Thrive Beyond Cancer: Nurse-Led Colorectal Cancer Survivorship Clinic Promoting Awareness of Healthy Lifestyles

This abstract has open access
Abstract Description
Submission ID :
HAC206
Submission Type
Authors (including presenting author) :
Shum NF(1), Tam CK1, Rockson Wei(1), Choi HK(1), Dominic Foo CC(2)
Affiliation :
(1) Department of surgery, Queen Mary Hospital, (2) Department of Surgery, School of Clinical Medicine, University of Hong Kong
Introduction :
Colorectal cancer (CRC) is a major healthcare challenge throughout the world. The five- year survival rate of CRC is as high as 92% for the non-metastatic stage and about 65%-90% in the world. Despite its good five-year survival rate, colorectal survivors are at great risk for cancer recurrence after treatment. Preventive health is an important aspect of cancer survivorship (Overholser & Callaway, 2018). An unhealthy lifestyle in CRC survivors has a significant relationship to colorectal cancer recurrence such as physical inactivity, overweight, and poor eating habits. Therefore, a necessity to help the CRC survivors maintain a significant lifestyle is pivotal.
Objectives :
This study aims to explore the living lifestyles of colorectal cancer survivors and address patient concerns and offer personalized nursing advice based on their experiences.
Methodology :
This was a prospective study in which the participants were referred by colorectal specialists to nurse colorectal survivorship’s clinic. Study participants were assessed by colorectal specialty nurses. The management focus included: symptoms assessment; screening and surveillance; late effect complications management; bowel and dietary habits and psychological support. The nurse will offer personalized nursing advice or recommendations based on their needs.
Result & Outcome :
A total of 494 patients (249 men and 245 women) with a mean age of 73.60 years (standard deviation [S.D.] 11.06 years, 48-98) participated in the study. 19.03% of patients received surgical procedures and 80.97% had colonic surgery. The mean survival duration is 13.56 years and the mean QOL (Fact C) scored 107.35. Among the 494 patients, 26.05% have hypertension; 3.1% poot DM control’; 36.64% were overweight; 29.2% had no exercise and 38.40% were physical inactivity; 76.11% had inadequate fluid intake; 1.96% still smoking and 13.73% were drinking. Patients were offered counselling to support behavior changes and encourage them to adopt healthier habits.
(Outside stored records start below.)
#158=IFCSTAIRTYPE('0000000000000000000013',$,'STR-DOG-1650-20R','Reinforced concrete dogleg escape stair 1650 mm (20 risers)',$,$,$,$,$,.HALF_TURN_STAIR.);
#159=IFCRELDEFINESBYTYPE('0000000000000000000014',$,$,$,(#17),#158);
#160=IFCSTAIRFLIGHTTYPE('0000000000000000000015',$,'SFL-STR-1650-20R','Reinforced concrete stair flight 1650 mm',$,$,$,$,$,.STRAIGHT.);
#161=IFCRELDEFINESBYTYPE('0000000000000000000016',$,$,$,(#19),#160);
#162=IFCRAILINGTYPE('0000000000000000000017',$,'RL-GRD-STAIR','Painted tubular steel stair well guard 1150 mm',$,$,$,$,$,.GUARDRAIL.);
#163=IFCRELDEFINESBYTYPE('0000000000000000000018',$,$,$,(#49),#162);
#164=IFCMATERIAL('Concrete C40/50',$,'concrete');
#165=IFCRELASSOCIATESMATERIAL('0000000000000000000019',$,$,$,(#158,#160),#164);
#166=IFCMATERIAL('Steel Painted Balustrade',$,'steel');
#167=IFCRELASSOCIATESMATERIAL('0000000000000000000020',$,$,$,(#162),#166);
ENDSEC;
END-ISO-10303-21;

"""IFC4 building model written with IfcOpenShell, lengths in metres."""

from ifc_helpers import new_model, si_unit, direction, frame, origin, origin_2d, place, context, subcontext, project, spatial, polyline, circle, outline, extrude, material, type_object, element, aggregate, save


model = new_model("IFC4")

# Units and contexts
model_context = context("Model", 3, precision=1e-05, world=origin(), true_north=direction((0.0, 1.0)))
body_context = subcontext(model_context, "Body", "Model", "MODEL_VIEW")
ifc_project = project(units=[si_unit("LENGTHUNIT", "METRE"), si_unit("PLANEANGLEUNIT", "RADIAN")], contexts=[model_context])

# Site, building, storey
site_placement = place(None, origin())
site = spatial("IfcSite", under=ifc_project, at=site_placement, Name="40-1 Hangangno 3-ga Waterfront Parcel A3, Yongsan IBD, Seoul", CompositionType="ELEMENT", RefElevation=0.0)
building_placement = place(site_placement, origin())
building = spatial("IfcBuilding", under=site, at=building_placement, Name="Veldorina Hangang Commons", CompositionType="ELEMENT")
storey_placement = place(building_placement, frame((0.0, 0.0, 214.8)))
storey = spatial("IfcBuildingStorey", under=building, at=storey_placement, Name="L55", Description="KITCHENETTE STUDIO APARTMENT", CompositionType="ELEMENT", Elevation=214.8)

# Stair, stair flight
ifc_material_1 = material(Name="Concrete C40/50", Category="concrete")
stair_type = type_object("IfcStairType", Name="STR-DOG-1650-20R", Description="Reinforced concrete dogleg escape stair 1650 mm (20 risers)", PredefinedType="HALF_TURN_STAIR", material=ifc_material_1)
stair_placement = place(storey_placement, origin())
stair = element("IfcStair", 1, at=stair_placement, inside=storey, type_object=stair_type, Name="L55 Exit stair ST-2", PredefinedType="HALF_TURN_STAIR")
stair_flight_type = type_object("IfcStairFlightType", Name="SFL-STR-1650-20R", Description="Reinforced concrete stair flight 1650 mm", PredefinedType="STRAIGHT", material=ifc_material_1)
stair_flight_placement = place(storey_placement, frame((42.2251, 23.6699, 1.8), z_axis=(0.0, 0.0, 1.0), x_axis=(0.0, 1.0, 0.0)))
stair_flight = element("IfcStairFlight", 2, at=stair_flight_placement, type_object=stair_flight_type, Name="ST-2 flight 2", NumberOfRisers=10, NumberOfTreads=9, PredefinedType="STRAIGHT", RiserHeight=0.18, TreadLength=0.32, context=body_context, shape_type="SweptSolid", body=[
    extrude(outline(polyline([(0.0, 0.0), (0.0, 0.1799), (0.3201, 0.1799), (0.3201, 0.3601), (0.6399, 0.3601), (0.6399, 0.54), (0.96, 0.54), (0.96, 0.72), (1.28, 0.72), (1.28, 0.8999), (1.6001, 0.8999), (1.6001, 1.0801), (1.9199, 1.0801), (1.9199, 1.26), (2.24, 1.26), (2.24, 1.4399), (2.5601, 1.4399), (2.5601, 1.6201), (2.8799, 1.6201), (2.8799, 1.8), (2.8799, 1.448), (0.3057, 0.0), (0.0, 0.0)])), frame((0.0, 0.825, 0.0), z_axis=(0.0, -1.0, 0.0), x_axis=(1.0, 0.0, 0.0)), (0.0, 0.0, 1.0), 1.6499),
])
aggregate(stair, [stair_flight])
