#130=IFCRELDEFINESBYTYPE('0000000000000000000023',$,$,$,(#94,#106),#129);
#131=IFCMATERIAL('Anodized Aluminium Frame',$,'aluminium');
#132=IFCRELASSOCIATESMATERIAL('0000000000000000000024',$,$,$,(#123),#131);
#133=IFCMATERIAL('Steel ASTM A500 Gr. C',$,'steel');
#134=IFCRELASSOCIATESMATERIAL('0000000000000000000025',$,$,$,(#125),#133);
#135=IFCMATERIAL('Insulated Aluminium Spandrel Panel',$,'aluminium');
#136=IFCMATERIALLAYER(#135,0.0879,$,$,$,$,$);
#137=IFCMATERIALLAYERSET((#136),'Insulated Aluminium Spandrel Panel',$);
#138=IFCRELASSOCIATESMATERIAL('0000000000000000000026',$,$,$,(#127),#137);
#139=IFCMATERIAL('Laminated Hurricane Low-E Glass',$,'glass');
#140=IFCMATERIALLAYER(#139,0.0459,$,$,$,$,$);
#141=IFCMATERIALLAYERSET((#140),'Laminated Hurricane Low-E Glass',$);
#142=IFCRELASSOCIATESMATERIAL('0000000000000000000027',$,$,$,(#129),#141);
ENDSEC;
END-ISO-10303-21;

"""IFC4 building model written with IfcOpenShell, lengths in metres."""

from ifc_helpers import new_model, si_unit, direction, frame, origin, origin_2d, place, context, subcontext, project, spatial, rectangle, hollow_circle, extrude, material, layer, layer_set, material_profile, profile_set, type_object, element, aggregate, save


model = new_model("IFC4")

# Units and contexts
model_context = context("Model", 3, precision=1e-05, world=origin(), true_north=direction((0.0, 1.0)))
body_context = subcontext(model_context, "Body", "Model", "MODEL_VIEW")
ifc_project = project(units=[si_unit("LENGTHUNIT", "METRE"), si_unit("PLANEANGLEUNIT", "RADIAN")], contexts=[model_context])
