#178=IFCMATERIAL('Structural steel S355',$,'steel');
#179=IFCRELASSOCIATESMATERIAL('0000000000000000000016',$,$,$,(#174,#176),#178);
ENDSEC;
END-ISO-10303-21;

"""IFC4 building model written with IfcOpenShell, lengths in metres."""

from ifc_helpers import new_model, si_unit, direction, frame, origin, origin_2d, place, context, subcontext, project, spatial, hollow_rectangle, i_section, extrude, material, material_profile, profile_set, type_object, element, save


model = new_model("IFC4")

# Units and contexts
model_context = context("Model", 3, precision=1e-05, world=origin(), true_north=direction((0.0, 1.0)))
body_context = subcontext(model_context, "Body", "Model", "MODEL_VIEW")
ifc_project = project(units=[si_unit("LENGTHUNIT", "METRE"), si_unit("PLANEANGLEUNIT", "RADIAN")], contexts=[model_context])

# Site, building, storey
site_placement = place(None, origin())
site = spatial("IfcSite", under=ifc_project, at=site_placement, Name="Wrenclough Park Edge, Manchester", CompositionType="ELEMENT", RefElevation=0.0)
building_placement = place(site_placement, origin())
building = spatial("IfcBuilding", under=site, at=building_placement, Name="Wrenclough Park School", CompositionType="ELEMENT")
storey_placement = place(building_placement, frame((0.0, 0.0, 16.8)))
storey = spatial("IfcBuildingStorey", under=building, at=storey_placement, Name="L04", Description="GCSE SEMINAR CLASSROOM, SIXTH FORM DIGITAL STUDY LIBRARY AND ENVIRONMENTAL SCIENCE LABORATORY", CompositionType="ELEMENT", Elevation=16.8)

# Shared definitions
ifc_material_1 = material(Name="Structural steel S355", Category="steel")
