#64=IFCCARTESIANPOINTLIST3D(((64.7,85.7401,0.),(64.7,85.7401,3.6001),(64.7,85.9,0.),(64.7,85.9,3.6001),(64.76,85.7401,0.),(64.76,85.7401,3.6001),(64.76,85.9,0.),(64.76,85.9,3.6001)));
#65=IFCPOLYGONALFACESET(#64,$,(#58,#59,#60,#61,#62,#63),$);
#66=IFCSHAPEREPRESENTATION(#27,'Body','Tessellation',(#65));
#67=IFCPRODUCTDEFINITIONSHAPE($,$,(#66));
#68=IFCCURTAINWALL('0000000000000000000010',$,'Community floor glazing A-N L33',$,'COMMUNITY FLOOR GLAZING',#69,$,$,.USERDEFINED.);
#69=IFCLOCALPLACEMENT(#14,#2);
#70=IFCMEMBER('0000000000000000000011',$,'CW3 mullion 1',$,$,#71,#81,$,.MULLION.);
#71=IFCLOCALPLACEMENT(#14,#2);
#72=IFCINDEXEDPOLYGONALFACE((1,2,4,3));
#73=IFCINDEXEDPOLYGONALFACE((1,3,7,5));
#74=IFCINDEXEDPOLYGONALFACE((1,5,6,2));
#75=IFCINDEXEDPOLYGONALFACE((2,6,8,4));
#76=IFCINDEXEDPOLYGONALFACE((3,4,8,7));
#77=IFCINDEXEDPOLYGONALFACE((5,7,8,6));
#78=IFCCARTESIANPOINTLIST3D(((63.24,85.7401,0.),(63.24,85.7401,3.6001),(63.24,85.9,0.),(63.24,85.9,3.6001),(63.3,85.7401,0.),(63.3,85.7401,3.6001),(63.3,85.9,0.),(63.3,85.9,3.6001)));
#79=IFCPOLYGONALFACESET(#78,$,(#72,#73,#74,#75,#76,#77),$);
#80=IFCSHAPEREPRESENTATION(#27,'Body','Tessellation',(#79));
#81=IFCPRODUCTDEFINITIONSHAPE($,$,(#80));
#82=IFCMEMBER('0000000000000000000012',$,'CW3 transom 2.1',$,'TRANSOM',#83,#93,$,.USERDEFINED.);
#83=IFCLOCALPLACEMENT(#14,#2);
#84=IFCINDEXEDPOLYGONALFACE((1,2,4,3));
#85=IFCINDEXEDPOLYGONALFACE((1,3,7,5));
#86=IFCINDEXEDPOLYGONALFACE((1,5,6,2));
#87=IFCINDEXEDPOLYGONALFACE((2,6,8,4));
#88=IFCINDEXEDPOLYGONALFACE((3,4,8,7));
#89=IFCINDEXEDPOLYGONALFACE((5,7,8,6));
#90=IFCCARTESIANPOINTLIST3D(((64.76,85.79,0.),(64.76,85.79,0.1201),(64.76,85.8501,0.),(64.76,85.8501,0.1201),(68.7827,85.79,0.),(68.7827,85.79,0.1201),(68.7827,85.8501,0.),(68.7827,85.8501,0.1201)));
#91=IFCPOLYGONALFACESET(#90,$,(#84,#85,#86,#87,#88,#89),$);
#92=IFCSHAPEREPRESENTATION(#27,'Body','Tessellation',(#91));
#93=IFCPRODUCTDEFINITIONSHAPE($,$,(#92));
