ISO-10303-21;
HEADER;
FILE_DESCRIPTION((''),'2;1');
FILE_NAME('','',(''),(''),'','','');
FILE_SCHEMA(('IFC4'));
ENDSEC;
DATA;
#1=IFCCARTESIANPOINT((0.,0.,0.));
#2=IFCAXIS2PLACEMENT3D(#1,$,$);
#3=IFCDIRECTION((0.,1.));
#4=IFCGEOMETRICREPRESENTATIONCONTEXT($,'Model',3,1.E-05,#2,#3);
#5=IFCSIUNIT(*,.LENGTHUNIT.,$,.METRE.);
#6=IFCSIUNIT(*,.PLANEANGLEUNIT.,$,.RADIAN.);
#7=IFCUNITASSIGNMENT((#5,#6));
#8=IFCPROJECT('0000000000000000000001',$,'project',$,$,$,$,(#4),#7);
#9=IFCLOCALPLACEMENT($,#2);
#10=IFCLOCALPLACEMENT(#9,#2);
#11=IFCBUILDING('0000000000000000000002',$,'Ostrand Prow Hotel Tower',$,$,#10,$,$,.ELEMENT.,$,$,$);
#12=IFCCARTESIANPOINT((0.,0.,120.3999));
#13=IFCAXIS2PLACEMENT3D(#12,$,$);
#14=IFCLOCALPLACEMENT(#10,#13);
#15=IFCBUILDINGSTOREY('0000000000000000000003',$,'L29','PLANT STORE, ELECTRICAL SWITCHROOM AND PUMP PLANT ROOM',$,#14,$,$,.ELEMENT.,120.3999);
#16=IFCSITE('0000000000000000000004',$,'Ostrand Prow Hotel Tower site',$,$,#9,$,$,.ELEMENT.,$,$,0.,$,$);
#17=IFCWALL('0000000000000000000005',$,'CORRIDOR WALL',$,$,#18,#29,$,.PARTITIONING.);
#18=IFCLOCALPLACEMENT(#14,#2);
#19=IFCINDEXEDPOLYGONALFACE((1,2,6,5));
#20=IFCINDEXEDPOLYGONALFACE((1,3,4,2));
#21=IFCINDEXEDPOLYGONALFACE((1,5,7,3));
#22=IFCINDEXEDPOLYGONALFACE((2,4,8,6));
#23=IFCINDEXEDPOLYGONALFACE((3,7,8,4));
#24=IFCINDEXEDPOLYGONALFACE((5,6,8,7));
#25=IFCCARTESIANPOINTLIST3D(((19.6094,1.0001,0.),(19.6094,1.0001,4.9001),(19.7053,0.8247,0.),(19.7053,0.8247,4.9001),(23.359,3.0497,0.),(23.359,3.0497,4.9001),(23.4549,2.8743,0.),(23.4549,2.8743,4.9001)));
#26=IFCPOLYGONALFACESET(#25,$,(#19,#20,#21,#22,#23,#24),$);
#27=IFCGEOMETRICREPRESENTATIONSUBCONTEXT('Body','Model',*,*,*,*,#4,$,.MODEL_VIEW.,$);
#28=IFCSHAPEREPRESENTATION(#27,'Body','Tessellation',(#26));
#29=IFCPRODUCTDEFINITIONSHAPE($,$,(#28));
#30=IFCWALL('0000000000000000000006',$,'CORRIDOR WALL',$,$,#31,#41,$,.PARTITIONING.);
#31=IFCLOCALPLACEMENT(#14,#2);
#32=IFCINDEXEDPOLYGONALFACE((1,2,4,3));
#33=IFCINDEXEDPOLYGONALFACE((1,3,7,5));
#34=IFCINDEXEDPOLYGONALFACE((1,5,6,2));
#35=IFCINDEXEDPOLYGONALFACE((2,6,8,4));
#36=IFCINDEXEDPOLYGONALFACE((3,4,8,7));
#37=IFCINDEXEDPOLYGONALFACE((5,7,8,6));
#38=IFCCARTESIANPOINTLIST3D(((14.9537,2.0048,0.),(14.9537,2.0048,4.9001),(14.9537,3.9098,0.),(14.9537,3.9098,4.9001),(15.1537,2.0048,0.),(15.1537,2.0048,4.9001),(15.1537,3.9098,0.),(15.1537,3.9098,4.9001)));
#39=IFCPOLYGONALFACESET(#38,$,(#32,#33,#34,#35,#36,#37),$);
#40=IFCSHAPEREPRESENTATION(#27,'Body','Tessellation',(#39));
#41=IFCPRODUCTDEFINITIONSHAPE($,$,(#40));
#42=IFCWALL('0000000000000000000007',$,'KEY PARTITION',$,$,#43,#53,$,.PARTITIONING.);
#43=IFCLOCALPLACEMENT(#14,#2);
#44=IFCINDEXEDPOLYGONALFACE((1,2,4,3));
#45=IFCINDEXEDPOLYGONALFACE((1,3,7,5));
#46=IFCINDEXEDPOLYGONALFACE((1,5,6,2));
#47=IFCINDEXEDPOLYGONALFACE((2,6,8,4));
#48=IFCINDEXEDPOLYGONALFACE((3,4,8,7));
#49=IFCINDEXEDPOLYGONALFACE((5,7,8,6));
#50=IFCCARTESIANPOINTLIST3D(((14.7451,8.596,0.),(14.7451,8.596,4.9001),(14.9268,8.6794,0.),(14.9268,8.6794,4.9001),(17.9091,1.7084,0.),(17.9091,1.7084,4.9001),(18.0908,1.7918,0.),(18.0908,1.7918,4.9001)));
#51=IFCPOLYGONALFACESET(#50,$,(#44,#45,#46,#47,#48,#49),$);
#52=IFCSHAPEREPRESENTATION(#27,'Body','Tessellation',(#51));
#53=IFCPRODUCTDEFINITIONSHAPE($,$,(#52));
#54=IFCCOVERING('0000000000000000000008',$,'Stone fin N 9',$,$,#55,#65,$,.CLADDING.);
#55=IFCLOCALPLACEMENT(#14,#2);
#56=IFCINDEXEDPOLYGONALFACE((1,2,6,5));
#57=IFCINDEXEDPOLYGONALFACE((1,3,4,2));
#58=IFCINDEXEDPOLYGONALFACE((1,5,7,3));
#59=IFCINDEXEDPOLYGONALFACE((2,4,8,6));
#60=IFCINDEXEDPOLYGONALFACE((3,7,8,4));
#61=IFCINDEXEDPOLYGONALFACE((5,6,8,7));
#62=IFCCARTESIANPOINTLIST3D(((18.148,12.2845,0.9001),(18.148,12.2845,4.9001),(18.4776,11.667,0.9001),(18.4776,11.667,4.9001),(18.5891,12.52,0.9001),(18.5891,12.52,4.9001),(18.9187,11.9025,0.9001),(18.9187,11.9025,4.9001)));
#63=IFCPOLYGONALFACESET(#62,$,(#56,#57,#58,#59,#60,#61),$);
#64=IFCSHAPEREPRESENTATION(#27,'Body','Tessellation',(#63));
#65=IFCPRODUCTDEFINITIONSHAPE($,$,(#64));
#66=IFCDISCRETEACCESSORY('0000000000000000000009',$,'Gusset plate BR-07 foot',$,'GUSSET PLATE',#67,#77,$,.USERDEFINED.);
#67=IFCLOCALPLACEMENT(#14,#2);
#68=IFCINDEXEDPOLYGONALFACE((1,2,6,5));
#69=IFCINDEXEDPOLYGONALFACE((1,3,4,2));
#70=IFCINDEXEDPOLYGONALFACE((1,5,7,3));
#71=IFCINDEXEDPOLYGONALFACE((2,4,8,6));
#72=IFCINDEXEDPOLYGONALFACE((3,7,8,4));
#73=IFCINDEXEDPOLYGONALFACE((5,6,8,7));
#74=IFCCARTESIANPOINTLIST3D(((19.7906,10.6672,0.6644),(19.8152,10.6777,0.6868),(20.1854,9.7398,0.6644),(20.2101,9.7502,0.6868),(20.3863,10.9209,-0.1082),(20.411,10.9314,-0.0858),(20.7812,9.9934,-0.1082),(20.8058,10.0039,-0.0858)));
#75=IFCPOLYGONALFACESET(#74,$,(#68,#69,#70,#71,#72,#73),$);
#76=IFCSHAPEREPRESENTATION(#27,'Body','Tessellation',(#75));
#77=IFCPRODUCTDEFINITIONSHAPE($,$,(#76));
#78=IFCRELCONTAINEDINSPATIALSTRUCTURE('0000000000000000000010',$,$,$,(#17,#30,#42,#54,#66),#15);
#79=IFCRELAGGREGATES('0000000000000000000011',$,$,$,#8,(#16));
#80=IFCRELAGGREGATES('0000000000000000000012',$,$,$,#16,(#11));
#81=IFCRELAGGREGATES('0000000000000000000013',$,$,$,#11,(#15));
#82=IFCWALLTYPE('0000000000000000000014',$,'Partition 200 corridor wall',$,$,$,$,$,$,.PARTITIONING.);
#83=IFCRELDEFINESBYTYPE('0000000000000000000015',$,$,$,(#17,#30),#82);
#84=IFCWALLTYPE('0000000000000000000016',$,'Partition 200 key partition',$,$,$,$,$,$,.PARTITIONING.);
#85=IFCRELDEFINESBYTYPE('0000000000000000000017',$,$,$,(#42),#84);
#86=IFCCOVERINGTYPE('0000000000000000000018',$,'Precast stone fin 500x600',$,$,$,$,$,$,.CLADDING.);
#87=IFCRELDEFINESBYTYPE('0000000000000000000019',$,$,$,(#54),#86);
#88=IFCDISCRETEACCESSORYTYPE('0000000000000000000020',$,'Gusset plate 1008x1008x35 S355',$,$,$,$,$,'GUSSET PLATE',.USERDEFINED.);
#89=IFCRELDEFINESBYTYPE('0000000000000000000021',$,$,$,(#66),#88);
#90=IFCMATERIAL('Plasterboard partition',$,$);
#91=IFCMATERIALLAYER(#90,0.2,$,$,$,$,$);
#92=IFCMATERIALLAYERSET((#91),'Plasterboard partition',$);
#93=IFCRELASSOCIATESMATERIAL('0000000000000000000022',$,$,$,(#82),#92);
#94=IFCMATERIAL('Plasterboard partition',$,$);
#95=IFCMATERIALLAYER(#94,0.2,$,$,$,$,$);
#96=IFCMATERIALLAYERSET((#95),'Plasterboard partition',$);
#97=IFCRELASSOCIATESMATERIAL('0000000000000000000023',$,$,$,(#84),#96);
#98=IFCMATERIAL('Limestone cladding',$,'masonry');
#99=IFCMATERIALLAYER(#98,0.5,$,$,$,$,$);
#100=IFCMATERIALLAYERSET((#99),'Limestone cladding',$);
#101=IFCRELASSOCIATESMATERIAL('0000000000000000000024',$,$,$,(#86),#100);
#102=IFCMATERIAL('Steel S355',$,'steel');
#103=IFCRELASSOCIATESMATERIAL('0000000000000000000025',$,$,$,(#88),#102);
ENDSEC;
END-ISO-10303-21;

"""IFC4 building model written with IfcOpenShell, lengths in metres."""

from ifc_helpers import new_model, si_unit, direction, frame, frame_2d, origin, origin_2d, place, context, subcontext, project, spatial, rectangle, extrude, material, layer, layer_set, material_profile, profile_set, type_object, element, save


model = new_model("IFC4")

# Units and contexts
model_context = context("Model", 3, precision=1e-05, world=origin(), true_north=direction((0.0, 1.0)))
body_context = subcontext(model_context, "Body", "Model", "MODEL_VIEW")
ifc_project = project(units=[si_unit("LENGTHUNIT", "METRE"), si_unit("PLANEANGLEUNIT", "RADIAN")], contexts=[model_context])

# Site, building, storey
site_placement = place(None, origin())
site = spatial("IfcSite", under=ifc_project, at=site_placement, Name="Ostrand Prow Hotel Tower site", CompositionType="ELEMENT", RefElevation=0.0)
building_placement = place(site_placement, origin())
building = spatial("IfcBuilding", under=site, at=building_placement, Name="Ostrand Prow Hotel Tower", CompositionType="ELEMENT")
storey_placement = place(building_placement, frame((0.0, 0.0, 120.3999)))
storey = spatial("IfcBuildingStorey", under=building, at=storey_placement, Name="L29", Description="PLANT STORE, ELECTRICAL SWITCHROOM AND PUMP PLANT ROOM", CompositionType="ELEMENT", Elevation=120.3999)

# Shared definitions
ifc_material_1 = material(Name="Plasterboard partition")
ifc_layer_1 = layer(ifc_material_1, 0.2)
ifc_layer_set_1 = layer_set([ifc_layer_1], Name="Plasterboard partition")
wall_type_1 = type_object("IfcWallType", Name="Partition 200 corridor wall", PredefinedType="PARTITIONING", material=ifc_layer_set_1)

# Walls
wall_1_placement = place(storey_placement, frame((19.6572, 0.9124, 0.0), z_axis=(0.0, 0.0, 1.0), x_axis=(0.877465, 0.479641, 0.0)))
element("IfcWall", 1, at=wall_1_placement, inside=storey, type_object=wall_type_1, Name="CORRIDOR WALL", PredefinedType="PARTITIONING", context=body_context, shape_type="SweptSolid", body=[
    extrude(rectangle(XDim=4.2732, YDim=0.2, at=frame_2d((2.1367, 0.0))), origin(), (0.0, 0.0, 1.0), 4.9001),
])
wall_2_placement = place(storey_placement, frame((15.0537, 3.9099, 0.0), z_axis=(0.0, 0.0, 1.0), x_axis=(0.0, -1.0, 0.0)))
element("IfcWall", 2, at=wall_2_placement, inside=storey, type_object=wall_type_1, Name="CORRIDOR WALL", PredefinedType="PARTITIONING", context=body_context, shape_type="SweptSolid", body=[
    extrude(rectangle(XDim=1.905, YDim=0.2, at=frame_2d((0.9526, 0.0))), origin(), (0.0, 0.0, 1.0), 4.9001),
])
ifc_material_2 = material(Name="Plasterboard partition")
ifc_layer_2 = layer(ifc_material_2, 0.2)
ifc_layer_set_2 = layer_set([ifc_layer_2], Name="Plasterboard partition")
wall_type_2 = type_object("IfcWallType", Name="Partition 200 key partition", PredefinedType="PARTITIONING", material=ifc_layer_set_2)
wall_3_placement = place(storey_placement, frame((14.8359, 8.6377, 0.0), z_axis=(0.0, 0.0, 1.0), x_axis=(0.41744, -0.908705, 0.0)))
element("IfcWall", 3, at=wall_3_placement, inside=storey, type_object=wall_type_2, Name="KEY PARTITION", PredefinedType="PARTITIONING", context=body_context, shape_type="SweptSolid", body=[
    extrude(rectangle(XDim=7.5796, YDim=0.2, at=frame_2d((3.7898, 0.0))), origin(), (0.0, 0.0, 1.0), 4.9001),
])

# Covering
ifc_material_3 = material(Name="Limestone cladding", Category="masonry")
ifc_layer_3 = layer(ifc_material_3, 0.5)
ifc_layer_set_3 = layer_set([ifc_layer_3], Name="Limestone cladding")
covering_type = type_object("IfcCoveringType", Name="Precast stone fin 500x600", PredefinedType="CLADDING", material=ifc_layer_set_3)
covering_placement = place(storey_placement, frame((18.6982, 11.7847, 0.9001), z_axis=(0.0, 0.0, 1.0), x_axis=(-0.470914, 0.882179, 0.0)))
element("IfcCovering", 4, at=covering_placement, inside=storey, type_object=covering_type, Name="Stone fin N 9", PredefinedType="CLADDING", context=body_context, shape_type="SweptSolid", body=[
    extrude(rectangle(XDim=0.7, YDim=0.5, at=frame_2d((0.3501, 0.0))), origin(), (0.0, 0.0, 1.0), 4.0),
])

# Discrete accessory
ifc_material_4 = material(Name="Steel S355", Category="steel")
ifc_material_profile_1 = material_profile(ifc_material_4, rectangle(XDim=1.0081, YDim=1.0081, at=origin_2d()), Name="PL 1008x1008x35")
ifc_profile_set_1 = profile_set([ifc_material_profile_1], Name="Steel S355")
discrete_accessory_type = type_object("IfcDiscreteAccessoryType", Name="Gusset plate 1008x1008x35 S355", ElementType="GUSSET PLATE", PredefinedType="USERDEFINED", material=ifc_profile_set_1)
discrete_accessory_placement = place(storey_placement, frame((20.2859, 10.3303, 0.2781), z_axis=(0.705174, 0.300223, 0.642337), x_axis=(-0.391719, 0.920085, 0.0)))
element("IfcDiscreteAccessory", 5, at=discrete_accessory_placement, inside=storey, type_object=discrete_accessory_type, Name="Gusset plate BR-07 foot", ObjectType="GUSSET PLATE", PredefinedType="USERDEFINED", context=body_context, shape_type="SweptSolid", body=[
    extrude(rectangle(XDim=1.0081, YDim=1.0081, at=origin_2d()), origin(), (0.0, 0.0, 1.0), 0.0349),
])

save(model, "model.ifc")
Exercise promotion, nutritional guidance, and healthy living lifestyles reinforced.



Conclusion:

These findings highlighted the need for tailored or comprehensive survivorship programs that address not only medical follow-up but also lifestyle modifications to promote long-term health and well-being. The transition of patients to primary care or district health centers is crucial and challenging. Strategies for successfully transitioning patients to primary care are needed and pivotal.